Mineral waters, as a rule, contain small quantities of argon mixed with oxygen, nitrogen, carbon dioxide, and in some cases sulphuretted hydrogen and helium, a gas of which more hereafter. The waters actually examined were the Bath waters, which contain much nitrogen, a little argon, and a trace of helium; the Buxton waters, containing nitrogen and a little argon; the water from “Allhusen’s Well,” Middlesborough, which evolved gas of an inflammable nature consisting mainly of nitrogen, but also containing marsh-gas, and argon to the extent of O·4 per cent; water from boiling springs in Iceland evolved gas containing somewhat more argon than air does, viz. 1·14 per cent; and lastly, water from the Harrogate sulphur springs yielded a gas largely consisting of a mixture of sulphuretted hydrogen, carbon dioxide and nitrogen, but giving also an appreciable amount of argon. Such determinations show that argon is not merely confined to the atmosphere above the earth, but that it penetrates the earth and is contained in subterraneous water. These results have been obtained by Lord Rayleigh, Professor Ramsay, Mr. Travers, and Mr. Kellas.[26]
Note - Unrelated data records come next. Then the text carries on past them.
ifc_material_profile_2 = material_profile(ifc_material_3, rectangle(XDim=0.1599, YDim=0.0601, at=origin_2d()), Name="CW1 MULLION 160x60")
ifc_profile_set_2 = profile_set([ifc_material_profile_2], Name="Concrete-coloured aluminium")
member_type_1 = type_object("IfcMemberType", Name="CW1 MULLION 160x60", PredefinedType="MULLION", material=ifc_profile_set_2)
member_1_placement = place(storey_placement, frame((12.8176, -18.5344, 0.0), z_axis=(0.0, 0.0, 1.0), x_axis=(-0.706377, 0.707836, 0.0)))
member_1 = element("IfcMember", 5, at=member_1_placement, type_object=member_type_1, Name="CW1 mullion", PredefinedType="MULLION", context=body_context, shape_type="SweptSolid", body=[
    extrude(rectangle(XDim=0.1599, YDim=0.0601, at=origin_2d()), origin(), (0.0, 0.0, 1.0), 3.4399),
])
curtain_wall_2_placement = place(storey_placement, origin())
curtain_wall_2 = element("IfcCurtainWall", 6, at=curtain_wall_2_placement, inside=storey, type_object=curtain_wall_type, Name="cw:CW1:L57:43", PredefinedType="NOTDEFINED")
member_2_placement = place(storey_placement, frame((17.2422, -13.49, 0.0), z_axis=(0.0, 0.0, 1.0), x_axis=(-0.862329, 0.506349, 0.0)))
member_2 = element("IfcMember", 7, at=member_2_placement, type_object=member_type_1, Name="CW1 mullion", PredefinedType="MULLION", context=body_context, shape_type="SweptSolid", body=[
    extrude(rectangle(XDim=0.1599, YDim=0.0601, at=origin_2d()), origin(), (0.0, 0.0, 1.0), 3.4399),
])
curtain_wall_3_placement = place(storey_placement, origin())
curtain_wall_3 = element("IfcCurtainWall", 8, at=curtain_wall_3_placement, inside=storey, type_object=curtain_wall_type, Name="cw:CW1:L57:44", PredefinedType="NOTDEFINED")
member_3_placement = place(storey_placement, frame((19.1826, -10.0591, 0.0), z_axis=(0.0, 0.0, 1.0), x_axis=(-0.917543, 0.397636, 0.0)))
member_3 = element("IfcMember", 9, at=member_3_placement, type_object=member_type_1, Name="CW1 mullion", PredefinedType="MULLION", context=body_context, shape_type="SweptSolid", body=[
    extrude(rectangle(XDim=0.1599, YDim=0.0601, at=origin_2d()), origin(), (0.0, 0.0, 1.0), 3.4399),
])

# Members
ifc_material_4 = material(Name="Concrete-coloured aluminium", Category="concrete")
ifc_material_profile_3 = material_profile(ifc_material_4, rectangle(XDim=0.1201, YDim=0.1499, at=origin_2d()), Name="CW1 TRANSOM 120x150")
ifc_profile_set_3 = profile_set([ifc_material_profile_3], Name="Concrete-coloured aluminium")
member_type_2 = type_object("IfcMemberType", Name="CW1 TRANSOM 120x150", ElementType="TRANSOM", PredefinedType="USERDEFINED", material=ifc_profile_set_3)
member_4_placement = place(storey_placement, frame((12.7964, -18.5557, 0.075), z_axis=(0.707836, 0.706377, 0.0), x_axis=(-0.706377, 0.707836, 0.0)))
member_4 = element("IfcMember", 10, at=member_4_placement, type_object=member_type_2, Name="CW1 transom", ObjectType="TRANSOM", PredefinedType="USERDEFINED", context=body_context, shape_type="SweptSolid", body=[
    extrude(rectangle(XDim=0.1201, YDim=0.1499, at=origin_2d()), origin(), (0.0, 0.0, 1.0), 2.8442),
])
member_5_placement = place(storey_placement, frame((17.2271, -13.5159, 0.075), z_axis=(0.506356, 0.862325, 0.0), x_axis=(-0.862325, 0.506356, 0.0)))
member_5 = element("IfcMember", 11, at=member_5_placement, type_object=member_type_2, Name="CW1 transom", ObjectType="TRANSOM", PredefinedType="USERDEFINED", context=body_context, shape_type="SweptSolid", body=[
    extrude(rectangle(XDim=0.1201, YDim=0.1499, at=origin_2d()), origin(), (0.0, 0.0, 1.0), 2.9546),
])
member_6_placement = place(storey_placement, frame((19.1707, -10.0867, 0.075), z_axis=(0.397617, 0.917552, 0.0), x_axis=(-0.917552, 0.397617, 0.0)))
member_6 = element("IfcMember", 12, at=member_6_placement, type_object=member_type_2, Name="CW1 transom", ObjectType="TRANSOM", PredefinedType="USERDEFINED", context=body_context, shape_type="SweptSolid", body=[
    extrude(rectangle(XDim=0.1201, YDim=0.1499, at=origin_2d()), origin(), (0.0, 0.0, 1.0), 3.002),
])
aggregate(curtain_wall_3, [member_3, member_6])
Similar experiments have been made by Dr. Bouchard in Paris[27] on effervescing waters from Cauterets in the Pyrenees. One of those springs yielded a mixture of nitrogen with a small amount of argon and helium; another yielded only nitrogen and argon; while a third gave nitrogen and helium. Such are, up to the present, the sources of argon. It has been several times stated that the element helium, which is closely allied to argon in its physical properties, and in its inertness, is a normal constituent of our atmosphere, although in very small amount. This, however, is not the case. For the argon of the atmosphere has been very carefully examined for helium in two ways. First, Lord Rayleigh dissolved a large quantity of argon in water, leaving only a minute bubble undissolved. Now while 1000 parts of water dissolve 40 parts of argon, they dissolve only 7 parts of helium; and if helium were present, it should be found in the residue. But careful spectroscopic examination failed to reveal the characteristic lines of helium. Next, Professor Ramsay and Dr. Collie diffused argon fractionally; and as the densities of argon and helium are very different (2 and 20), the helium should have been visible in the first portion which diffused. There was no trace to be detected. But, further, they submitted this portion of argon to a discharge of electricity for several hours in a vacuum-tube provided with platinum electrodes. This process, as they proved, carries out the helium with the platinum which is splashed on to the sides of the tube. The argon was then removed by pumping it off in the cold. On heating the splashed-off platinum, no helium spectrum could be observed. In a similar experiment, in which a very minute trace of helium had been added to the argon, there was no difficulty in detecting the helium on heating the tube. The conclusion therefore follows that no helium is present in our atmosphere.
It is, besides, exceedingly improbable that helium should be present. For, as shown by Dr. Johnstone Stoney, the rate of motion of a molecule of hydrogen is so rapid that, on finding its way to the confines of the atmosphere, it would escape, and travel through space until it found a planet of sufficient attractive force to hold it. The same is true of helium. Were helium present in the atmosphere, it would ultimately leave us for the sun, or for some planet of much greater mass than the earth. This conception of Dr. Stoney’s tallies with the observation that the moon, a planet of small mass, is devoid of an atmosphere, and that the sun, a body with a mass 300,000 times as great as the earth, shows in its chromosphere the spectra both of hydrogen and of helium with great brilliancy.
It is now of interest to inquire what are the properties of argon and how it is related to other elements.
[CHAPTER VI]
THE PROPERTIES OF ARGON
The density of a gas is one of its most characteristic and important properties. Avogadro’s law, which postulates that equal volumes of gases, at equal temperature and pressure, contain equal numbers of molecules, renders it possible to compare the weights of the molecules by determining the relative weights of the gases. Thus, as the ratio between the densities of nitrogen and oxygen is 7 to 8, a single molecule of nitrogen, the smallest portion which can exist in freedom, uncombined with other elements, is ⅞ths of the weight of a single molecule of oxygen. Hence a determination of the density of argon leads directly to a knowledge of the relative weight of a single molecule of this gas.
But with what should the density of argon be compared? What gas must serve as the standard of density? To answer this question, it is necessary to give a short sketch of the development of chemical theory regarding the atomic weights of elements and their relative volumes.